4. The method according to claim 1, characterized in that, after using the first classifier to identify the first information to obtain the first identification result of the wireless communication device, the method further includes: obtaining a first access condition; the first access condition can reflect the external conditions when the wireless communication device accesses the network; correcting the first identification result based on the first access condition and outputting a second identification result; wherein, the external conditions include at least one of the following: device access time; device working state.

5. The method according to claim 4, characterized in that, the correcting the first identification result based on the first access condition and outputting a second identification result includes: obtaining the prior probability of each wireless communication device among multiple wireless communication devices accessing the network under different external conditions; estimating the wireless communication device corresponding to the first access condition based on the prior probability to obtain an estimation result; adjusting the confidence level of the first identification result based on the estimation result and outputting a second identification result.

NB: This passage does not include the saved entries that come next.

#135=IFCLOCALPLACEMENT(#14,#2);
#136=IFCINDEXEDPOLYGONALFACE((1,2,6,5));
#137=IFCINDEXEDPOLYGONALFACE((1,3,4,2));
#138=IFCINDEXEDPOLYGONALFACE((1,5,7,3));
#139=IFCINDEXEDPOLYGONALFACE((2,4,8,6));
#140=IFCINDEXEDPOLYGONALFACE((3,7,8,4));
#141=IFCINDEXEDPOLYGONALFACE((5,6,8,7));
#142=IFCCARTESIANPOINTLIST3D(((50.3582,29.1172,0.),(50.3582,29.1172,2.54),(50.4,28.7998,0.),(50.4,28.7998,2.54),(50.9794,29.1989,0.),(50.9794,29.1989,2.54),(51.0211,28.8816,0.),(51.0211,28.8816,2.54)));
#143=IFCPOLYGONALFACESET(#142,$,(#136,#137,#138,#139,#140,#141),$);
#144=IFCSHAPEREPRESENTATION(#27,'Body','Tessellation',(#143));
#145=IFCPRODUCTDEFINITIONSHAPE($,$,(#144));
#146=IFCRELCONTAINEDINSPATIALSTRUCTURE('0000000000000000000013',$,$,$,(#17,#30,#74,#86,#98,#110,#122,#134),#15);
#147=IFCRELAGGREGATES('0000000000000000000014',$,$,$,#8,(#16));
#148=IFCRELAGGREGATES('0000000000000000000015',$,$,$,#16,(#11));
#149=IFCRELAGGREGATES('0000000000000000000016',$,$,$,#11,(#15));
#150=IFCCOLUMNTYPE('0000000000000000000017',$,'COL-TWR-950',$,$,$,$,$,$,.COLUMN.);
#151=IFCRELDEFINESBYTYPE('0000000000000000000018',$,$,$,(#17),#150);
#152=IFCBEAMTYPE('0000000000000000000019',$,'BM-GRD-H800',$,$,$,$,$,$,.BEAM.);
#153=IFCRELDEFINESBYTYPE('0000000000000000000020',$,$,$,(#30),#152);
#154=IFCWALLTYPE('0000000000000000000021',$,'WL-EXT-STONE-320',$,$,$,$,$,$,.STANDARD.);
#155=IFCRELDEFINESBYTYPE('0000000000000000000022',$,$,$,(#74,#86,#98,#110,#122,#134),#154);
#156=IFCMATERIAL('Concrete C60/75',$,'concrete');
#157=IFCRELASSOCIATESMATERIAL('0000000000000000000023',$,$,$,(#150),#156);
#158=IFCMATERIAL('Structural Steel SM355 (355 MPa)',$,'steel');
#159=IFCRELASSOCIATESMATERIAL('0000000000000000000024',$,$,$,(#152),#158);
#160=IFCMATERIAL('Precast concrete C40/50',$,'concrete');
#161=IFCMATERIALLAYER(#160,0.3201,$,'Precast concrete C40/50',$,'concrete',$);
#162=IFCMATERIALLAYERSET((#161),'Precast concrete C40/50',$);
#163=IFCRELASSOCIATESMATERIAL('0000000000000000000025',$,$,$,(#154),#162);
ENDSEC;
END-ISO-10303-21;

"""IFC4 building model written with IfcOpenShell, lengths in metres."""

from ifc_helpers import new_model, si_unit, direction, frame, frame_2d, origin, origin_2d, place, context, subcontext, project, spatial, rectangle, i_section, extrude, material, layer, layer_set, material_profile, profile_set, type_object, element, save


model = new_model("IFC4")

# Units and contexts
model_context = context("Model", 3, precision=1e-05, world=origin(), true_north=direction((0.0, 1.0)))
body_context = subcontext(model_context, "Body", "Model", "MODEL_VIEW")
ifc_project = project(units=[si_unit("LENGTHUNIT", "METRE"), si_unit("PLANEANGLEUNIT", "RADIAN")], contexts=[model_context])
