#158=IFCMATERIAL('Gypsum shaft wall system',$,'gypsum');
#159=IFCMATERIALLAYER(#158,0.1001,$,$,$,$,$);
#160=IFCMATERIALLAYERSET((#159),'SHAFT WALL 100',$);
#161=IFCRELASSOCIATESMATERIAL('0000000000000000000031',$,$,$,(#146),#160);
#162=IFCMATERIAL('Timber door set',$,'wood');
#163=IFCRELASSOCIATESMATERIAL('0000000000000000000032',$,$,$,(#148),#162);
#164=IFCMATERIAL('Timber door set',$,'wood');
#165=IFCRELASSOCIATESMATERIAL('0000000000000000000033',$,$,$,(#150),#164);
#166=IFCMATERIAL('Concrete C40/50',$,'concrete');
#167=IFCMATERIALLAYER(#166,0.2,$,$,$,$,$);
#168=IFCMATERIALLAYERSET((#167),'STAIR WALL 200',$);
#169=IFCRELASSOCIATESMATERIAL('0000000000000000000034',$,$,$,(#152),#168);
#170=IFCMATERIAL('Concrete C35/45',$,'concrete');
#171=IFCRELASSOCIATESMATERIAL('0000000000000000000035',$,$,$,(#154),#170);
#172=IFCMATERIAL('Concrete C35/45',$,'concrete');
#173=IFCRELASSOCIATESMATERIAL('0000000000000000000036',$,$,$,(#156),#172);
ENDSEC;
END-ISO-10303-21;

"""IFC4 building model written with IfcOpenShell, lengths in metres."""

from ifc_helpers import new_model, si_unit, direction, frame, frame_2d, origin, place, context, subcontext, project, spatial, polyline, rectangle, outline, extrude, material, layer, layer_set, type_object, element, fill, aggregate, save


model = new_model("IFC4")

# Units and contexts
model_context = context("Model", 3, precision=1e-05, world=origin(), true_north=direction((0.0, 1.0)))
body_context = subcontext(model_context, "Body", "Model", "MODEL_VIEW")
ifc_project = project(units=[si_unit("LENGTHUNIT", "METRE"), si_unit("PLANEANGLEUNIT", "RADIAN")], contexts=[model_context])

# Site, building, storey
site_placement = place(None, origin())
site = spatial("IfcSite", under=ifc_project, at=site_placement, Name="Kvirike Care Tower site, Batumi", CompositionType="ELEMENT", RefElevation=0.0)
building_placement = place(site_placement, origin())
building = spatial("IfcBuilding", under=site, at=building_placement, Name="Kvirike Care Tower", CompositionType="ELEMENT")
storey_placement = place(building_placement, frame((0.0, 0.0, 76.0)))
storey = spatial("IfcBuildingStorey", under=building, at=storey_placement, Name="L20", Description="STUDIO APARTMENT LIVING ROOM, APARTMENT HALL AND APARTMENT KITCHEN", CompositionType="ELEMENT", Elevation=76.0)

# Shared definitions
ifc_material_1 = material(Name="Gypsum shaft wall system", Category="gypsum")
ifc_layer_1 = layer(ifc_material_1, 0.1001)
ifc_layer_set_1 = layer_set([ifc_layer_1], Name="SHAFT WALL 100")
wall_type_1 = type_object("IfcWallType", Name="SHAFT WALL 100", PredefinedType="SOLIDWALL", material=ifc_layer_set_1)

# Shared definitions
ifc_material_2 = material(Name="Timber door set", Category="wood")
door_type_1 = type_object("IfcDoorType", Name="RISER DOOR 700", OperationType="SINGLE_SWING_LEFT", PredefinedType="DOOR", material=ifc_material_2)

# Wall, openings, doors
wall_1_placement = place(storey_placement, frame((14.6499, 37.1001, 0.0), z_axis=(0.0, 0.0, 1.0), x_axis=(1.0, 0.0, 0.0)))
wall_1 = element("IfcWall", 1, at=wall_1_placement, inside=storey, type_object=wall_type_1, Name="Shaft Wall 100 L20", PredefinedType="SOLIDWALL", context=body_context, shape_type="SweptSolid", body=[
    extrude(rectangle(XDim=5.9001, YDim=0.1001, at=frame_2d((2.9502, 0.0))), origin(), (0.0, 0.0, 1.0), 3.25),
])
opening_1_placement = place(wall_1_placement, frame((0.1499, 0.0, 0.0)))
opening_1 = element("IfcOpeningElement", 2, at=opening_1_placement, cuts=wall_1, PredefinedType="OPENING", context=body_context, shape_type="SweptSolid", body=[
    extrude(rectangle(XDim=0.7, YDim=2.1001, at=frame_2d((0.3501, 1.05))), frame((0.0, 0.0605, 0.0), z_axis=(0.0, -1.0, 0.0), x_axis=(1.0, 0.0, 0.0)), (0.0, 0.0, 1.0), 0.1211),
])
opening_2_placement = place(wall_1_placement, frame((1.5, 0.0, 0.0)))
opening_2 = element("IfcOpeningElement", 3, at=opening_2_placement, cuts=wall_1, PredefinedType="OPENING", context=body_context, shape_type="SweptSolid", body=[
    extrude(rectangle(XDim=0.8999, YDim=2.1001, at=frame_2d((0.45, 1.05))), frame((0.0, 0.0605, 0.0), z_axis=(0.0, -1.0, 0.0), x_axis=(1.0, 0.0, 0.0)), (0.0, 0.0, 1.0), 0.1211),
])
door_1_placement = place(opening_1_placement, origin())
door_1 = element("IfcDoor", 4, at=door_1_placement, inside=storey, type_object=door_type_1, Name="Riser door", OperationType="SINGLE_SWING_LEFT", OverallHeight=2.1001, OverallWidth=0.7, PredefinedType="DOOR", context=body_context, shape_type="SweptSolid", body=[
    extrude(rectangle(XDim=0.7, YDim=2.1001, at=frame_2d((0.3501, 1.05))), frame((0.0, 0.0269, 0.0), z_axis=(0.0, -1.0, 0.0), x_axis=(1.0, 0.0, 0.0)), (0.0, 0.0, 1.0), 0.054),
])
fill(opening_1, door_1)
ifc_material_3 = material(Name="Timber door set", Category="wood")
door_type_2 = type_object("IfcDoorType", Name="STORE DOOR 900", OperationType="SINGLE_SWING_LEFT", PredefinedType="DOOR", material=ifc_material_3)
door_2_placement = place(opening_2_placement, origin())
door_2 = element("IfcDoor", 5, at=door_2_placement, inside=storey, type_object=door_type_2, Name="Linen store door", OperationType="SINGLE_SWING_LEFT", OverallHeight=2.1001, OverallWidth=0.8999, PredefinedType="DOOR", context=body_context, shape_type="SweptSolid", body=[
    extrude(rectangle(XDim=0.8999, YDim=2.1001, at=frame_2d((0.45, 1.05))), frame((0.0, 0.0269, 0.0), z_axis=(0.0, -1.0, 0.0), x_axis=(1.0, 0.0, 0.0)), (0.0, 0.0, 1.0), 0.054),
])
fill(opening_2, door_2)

6. The method according to claim 5, characterized in that, the obtaining of the prior probability of each wireless communication device among multiple wireless communication devices accessing the network under different external conditions includes: obtaining the access times of each wireless communication device within a first time period and the total access times of the multiple wireless communication devices within the first time period; based on the access times and the total access times, determining the prior probability corresponding to each wireless communication device.

7. The method according to claim 5, characterized in that, Obtaining the prior probability of each of multiple wireless communication devices accessing the network under different external conditions includes: Obtaining the number of times each of the wireless communication devices is used within a first time period and the total number of times the multiple wireless communication devices are used within the first time period; Based on the number of times of use and the total number of times of use, determining the prior probability corresponding to each of the wireless communication devices.

8. An identification device for a wireless communication device, characterized in that, the identification device includes: an obtaining unit, configured to obtain first information and a first classifier corresponding to a first channel condition; the first channel condition characterizes the channel condition for the wireless communication device to send a wireless signal; the first information can reflect the radio frequency fingerprint characteristics of the wireless communication device; a processing unit, configured to use the first classifier to identify the first information to obtain a first identification result of the wireless communication device.

9. An electronic device, characterized in that, the electronic device includes: a memory, configured to store executable instructions; a processor, configured to implement the steps of the identification method of the wireless communication device according to any one of claims 1 to 7 when executing the executable instructions stored in the memory.

10. A storage medium, in which computer-executable instructions are stored, and the computer-executable instructions are configured to execute the identification method of the wireless communication device provided in any one of claims 1 to 7 above.